25 Claude Use Cases für kleine und mittelständische Unternehmen
25 konkrete Claude Use Cases für KMU: Geschäftsführung, Vertrieb, Marketing, Kundenservice, HR, Backoffice, Wissen und Automatisierung. Mit Beispiel-Prompts.
Die Frage “Wofür können wir Claude eigentlich nutzen?” ist die häufigste, die mir Geschäftsführer stellen. Die Antwort “für fast alles mit Text” ist richtig, aber nutzlos. Was fehlt, sind konkrete Anwendungsfälle, die zum Alltag eines Unternehmens mit 10, 50 oder 200 Mitarbeitenden passen.
Dieser Artikel listet 25 Use Cases, gegliedert nach Unternehmensbereichen. Für jeden Use Case finden Sie eine kurze Beschreibung, ein Beispiel, eine Einschätzung des Aufwands und dort, wo es nötig ist, einen Hinweis auf Grenzen. Bei mehreren Use Cases ist ein Beispiel-Prompt enthalten, den Sie direkt ausprobieren können.
Die Aufwandsangabe bedeutet: niedrig heißt sofort im Chat nutzbar, mittel heißt ein Project oder eine Vorlage ist sinnvoll, hoch heißt es braucht eine Automatisierung oder Anbindung an andere Systeme. Alle Use Cases stammen aus der Praxis, teils aus meinen eigenen Unternehmen, teils aus Beratungsprojekten im Mittelstand.
Geschäftsführung und Strategie
In der Geschäftsführung geht es selten um Masse, sondern um Qualität der Entscheidungen. Claude hilft hier vor allem beim Strukturieren, Hinterfragen und Verdichten von Informationen, die ohnehin vorliegen, aber niemand in Ruhe aufbereitet.
1. Entscheidungsvorlagen aus Rohnotizen erstellen
Was: Aus stichpunktartigen Notizen, E-Mails und Zahlen eine strukturierte Entscheidungsvorlage machen, mit Ausgangslage, Optionen, Bewertung und Empfehlung.
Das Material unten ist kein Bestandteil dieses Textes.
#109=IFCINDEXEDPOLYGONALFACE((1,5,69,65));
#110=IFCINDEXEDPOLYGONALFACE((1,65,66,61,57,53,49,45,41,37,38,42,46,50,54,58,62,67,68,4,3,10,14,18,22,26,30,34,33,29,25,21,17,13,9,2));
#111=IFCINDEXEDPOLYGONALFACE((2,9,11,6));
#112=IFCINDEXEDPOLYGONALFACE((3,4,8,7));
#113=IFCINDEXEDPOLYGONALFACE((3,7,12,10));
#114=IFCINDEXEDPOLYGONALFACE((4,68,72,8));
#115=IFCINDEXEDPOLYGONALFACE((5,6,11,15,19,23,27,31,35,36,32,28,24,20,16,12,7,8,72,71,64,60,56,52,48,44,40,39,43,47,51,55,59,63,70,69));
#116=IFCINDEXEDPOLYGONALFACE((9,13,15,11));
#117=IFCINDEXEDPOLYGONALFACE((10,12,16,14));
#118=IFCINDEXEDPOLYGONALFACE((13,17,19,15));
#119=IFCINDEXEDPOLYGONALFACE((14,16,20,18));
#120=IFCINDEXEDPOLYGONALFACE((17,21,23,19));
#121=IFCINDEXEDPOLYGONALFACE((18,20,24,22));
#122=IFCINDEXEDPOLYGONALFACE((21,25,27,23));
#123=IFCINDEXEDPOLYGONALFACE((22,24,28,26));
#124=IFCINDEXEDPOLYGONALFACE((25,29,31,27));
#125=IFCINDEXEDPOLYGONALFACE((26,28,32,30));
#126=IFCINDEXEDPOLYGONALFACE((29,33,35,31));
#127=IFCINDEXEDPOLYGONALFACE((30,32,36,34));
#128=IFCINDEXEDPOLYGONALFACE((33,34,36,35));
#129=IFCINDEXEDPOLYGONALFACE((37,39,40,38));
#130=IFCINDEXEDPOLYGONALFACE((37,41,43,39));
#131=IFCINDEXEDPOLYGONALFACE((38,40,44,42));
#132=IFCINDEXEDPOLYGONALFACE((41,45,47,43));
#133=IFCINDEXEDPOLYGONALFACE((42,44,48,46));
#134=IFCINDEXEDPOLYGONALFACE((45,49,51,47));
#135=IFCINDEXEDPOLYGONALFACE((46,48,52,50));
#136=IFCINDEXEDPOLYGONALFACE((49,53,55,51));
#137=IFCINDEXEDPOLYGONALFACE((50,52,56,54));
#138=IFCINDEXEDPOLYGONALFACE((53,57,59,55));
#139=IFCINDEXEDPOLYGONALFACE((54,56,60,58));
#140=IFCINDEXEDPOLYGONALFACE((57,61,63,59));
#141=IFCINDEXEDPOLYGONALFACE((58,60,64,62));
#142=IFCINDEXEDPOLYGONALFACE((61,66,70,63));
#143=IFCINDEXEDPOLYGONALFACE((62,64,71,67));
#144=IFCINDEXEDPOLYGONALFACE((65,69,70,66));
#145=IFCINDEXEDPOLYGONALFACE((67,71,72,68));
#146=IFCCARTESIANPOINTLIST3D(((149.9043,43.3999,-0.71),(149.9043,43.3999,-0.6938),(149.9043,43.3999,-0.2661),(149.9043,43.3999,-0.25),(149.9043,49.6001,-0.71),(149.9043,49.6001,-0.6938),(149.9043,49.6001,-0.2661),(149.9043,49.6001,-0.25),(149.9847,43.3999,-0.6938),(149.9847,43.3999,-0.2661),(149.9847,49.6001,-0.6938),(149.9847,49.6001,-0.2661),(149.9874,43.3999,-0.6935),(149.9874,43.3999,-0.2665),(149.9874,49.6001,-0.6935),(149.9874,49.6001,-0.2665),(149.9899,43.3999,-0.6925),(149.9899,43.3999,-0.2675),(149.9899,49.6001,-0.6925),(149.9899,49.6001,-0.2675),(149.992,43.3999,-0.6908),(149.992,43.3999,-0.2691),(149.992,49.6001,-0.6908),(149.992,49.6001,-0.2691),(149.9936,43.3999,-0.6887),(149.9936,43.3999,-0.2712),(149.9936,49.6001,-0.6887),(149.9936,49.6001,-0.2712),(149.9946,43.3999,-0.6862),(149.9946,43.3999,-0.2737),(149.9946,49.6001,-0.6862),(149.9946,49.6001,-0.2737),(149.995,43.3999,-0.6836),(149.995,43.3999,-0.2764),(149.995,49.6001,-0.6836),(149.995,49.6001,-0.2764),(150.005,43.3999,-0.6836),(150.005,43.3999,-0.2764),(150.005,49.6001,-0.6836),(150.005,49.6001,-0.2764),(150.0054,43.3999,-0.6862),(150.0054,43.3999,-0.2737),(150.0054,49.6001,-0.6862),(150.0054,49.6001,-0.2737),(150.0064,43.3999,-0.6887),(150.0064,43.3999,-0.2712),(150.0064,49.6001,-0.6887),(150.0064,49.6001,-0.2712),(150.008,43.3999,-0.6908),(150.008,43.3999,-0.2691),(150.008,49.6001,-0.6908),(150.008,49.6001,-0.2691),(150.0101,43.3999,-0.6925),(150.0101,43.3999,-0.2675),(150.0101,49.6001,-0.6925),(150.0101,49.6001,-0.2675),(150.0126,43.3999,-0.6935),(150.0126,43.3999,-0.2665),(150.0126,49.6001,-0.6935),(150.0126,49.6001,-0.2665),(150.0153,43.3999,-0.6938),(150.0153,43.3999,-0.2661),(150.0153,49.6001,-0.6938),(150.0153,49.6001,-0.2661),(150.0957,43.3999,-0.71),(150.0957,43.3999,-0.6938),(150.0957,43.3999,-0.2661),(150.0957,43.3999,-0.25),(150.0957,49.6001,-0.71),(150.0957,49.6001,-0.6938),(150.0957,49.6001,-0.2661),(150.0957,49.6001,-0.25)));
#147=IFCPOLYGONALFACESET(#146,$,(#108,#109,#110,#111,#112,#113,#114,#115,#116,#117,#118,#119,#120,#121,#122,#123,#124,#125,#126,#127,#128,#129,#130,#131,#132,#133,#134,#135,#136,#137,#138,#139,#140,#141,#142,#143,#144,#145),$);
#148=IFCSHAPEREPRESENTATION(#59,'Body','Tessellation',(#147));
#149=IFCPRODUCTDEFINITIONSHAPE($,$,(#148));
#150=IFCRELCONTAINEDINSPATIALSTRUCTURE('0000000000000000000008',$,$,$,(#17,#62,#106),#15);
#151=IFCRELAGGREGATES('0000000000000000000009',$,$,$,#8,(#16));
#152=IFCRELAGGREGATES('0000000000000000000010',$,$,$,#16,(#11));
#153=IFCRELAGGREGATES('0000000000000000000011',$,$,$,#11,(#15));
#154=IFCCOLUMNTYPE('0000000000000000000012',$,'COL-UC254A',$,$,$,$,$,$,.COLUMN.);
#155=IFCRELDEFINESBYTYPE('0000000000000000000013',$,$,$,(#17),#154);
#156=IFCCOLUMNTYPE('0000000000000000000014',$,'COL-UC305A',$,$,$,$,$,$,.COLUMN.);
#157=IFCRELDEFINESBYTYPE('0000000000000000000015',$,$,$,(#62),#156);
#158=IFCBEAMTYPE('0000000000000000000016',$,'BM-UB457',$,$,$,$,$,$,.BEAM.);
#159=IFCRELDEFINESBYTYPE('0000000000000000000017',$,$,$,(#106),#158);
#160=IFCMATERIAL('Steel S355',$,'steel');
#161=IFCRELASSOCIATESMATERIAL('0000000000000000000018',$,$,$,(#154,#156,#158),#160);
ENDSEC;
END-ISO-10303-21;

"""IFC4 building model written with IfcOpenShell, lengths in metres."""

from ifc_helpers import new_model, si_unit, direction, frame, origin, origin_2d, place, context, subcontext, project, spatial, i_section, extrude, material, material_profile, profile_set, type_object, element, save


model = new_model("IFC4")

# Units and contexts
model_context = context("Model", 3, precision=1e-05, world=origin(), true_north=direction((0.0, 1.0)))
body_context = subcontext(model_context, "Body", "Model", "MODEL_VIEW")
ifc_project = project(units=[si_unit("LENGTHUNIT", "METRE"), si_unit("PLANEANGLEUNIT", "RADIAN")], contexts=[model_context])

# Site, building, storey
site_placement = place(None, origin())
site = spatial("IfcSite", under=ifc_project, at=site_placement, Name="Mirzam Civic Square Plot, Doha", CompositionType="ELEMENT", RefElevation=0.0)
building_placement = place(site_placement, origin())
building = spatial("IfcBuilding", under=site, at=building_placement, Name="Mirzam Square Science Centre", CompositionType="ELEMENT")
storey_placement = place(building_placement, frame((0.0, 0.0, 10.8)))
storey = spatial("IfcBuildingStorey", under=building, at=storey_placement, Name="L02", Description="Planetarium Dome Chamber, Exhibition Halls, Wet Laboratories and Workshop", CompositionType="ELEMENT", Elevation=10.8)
Beispiel: Ein Geschäftsführer eines Maschinenbauunternehmens hat drei Angebote für ein neues ERP-System und Notizen aus Gesprächen mit der IT. Claude erstellt daraus eine zweiseitige Vorlage für den Beirat.
Aufwand: niedrig. Grenze: Claude bewertet nur, was Sie ihm geben. Fehlende Informationen ersetzt es nicht durch Wissen über Ihr Unternehmen. Bewährt hat sich, die Vorlage anschließend mit der Frage “Welche Annahmen hast du getroffen?” zu prüfen, damit unausgesprochene Lücken sichtbar werden.
2. Sparringspartner für Strategiefragen
Was: Eine Idee, einen Plan oder eine Annahme gezielt hinterfragen lassen. Claude übernimmt die Rolle des kritischen Beraters, der Schwachstellen benennt.
Beispiel: “Wir wollen unser Angebot um einen Wartungsvertrag erweitern.” Claude fragt nach Kapazität, Preismodell, Haftung, Kannibalisierung des Bestandsgeschäfts und bringt Aspekte auf, die im Alltag untergehen.
Du bist ein erfahrener Unternehmensberater mit Schwerpunkt Mittelstand.
Ich bin Geschäftsführer eines Sanitärbetriebs mit 35 Mitarbeitenden.
Wir überlegen, Wartungsverträge für Heizungsanlagen einzuführen.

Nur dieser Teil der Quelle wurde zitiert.